Time frame: The period from the onset of TB symptoms through study completion, an average of 9 months.
Composite fidelity score
Level of adherence to the design of the intervention components (cash transfers conditioned on TB Club participation) including the content, coverage, frequency, and duration, by district. The composite fidelity score has been structured according to Carroll et al. (2007) A conceptual framework for implementation fidelity.
Time frame: 1 year
Health-Related Quality of Life
Difference in the health-related quality of life of study participants between the two arms, as measured by EuroQoL's EQ-5D-5L.
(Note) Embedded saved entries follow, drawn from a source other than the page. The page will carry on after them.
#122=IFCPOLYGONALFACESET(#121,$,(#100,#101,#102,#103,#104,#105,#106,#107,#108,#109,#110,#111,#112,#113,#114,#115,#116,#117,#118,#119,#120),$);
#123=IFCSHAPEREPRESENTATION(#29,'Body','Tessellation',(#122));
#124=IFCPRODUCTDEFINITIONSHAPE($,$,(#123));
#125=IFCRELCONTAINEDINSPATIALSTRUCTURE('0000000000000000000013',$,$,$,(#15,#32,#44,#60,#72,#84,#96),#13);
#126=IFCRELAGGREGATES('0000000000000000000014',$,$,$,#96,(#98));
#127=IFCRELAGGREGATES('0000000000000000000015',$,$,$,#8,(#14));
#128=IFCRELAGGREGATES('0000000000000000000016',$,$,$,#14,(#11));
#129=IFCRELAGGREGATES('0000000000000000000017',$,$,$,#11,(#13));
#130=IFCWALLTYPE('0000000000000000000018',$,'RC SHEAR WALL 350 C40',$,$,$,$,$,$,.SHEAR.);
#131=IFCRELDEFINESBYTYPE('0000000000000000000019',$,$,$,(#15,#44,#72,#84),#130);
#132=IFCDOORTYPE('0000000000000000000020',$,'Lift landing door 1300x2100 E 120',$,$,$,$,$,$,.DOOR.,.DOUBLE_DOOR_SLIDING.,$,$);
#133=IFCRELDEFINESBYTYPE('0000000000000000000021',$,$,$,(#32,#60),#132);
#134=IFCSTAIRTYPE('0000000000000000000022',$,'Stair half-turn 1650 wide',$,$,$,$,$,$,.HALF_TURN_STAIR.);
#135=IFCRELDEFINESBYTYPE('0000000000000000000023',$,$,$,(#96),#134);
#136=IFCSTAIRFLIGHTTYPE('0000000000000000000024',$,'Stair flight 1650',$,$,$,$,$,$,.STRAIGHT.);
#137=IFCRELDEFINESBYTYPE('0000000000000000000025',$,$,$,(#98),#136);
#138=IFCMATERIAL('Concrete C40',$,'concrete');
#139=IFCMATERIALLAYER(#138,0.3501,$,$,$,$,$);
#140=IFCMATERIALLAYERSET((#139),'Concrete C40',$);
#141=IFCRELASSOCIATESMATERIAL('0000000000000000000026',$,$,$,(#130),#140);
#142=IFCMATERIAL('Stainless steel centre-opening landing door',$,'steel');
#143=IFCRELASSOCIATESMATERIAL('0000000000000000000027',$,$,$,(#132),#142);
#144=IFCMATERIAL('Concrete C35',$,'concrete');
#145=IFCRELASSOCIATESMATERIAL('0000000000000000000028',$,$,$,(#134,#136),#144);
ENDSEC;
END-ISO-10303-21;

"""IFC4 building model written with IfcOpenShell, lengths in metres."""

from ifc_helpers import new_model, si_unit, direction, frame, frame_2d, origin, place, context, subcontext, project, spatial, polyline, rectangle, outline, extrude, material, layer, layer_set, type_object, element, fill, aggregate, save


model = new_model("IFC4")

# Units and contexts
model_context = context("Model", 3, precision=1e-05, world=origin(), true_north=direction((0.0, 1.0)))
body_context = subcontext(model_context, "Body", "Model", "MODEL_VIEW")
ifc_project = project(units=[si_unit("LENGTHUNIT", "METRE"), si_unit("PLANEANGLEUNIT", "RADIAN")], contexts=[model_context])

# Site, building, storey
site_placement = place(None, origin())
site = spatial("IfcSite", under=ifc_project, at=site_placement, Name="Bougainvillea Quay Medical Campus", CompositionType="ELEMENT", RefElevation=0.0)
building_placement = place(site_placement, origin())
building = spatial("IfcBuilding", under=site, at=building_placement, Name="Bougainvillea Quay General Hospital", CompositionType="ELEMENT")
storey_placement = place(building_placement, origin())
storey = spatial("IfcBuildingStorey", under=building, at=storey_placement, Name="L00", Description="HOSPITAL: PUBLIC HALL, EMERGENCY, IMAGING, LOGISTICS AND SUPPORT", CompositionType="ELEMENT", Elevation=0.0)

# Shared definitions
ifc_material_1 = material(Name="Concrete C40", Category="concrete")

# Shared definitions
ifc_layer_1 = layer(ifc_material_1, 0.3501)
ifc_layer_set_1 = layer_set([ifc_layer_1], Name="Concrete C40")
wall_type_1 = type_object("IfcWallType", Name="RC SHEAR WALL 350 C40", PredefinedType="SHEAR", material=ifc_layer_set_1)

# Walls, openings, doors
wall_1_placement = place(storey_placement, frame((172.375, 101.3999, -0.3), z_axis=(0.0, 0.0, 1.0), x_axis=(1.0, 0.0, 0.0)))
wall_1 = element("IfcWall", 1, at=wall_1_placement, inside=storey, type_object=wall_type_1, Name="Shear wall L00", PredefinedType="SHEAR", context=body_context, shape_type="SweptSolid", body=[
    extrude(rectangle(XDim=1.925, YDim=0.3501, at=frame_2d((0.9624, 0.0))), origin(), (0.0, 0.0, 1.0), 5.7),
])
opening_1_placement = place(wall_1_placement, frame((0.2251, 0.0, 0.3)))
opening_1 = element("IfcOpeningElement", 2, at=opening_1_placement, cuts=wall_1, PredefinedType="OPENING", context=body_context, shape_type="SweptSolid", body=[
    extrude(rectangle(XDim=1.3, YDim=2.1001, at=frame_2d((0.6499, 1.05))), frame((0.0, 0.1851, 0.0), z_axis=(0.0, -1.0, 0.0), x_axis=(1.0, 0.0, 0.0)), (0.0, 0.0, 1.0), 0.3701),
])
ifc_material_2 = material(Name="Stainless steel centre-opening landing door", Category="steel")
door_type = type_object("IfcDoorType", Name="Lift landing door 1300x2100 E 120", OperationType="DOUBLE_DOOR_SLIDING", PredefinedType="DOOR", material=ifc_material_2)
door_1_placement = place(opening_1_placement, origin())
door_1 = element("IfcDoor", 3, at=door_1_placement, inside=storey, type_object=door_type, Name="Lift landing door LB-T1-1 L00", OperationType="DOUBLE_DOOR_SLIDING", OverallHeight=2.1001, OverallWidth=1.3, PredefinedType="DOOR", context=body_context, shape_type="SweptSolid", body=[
Time frame: Through study completion, an average of 6 months.
TB-Related Stigma
Difference in the perceived TB-related stigma reported by participants between the two study arms, as measured by the Redwood scale for TB-related stigma in Vietnam.
Time frame: Through study completion, an average of 6 months.
Financial Capital
Changes in financial capital such as dissavings, asset sales, borrowing and social support, between the two study arms. The definition of financial capital will be taken from Timire et al. (2023) Use of a Sustainable Livelihood Framework-Based Measure to Estimate Socioeconomic Impact of Tuberculosis on Households.
Time frame: The period from the onset of TB symptoms through study completion, an average of 9 months.
Sustainable Livelihood
Difference in livelihood impacts such as food insecurity and educational disruptions, between the two study arms. The definition of this outcome will be taken from Timire et al. (2023) Use of a Sustainable Livelihood Framework-Based Measure to Estimate Socioeconomic Impact of Tuberculosis on Households.
Time frame: The period from the onset of TB symptoms through study completion, an average of 9 months.
TB Service and UHC Uptake
Difference in the proportion of household members screened for TB, initiating preventive therapies or purchasing social health insurance, between the two study arms.
Time frame: Through study completion, an average of 6 months.
Implementation quality score
During two-week time windows, implementation districts will be scored with up to 5 points for implementation quality, and quality scores for each window and district will be averaged to obtain an intervention quality score by district, province and region. Quality will be defined as timeliness of intervention delivery and participant satisfaction with the intervention at each district.
Time frame: 1 year
Participation
Average number of TB Clubs attended per participant, within each district.
Time frame: 1 year
Acceptability
Acceptability of the intervention as measured by district. Acceptability will be defined by Sekhon et al. (2022) Development of a theory-informed questionnaire to assess the acceptability of healthcare interventions.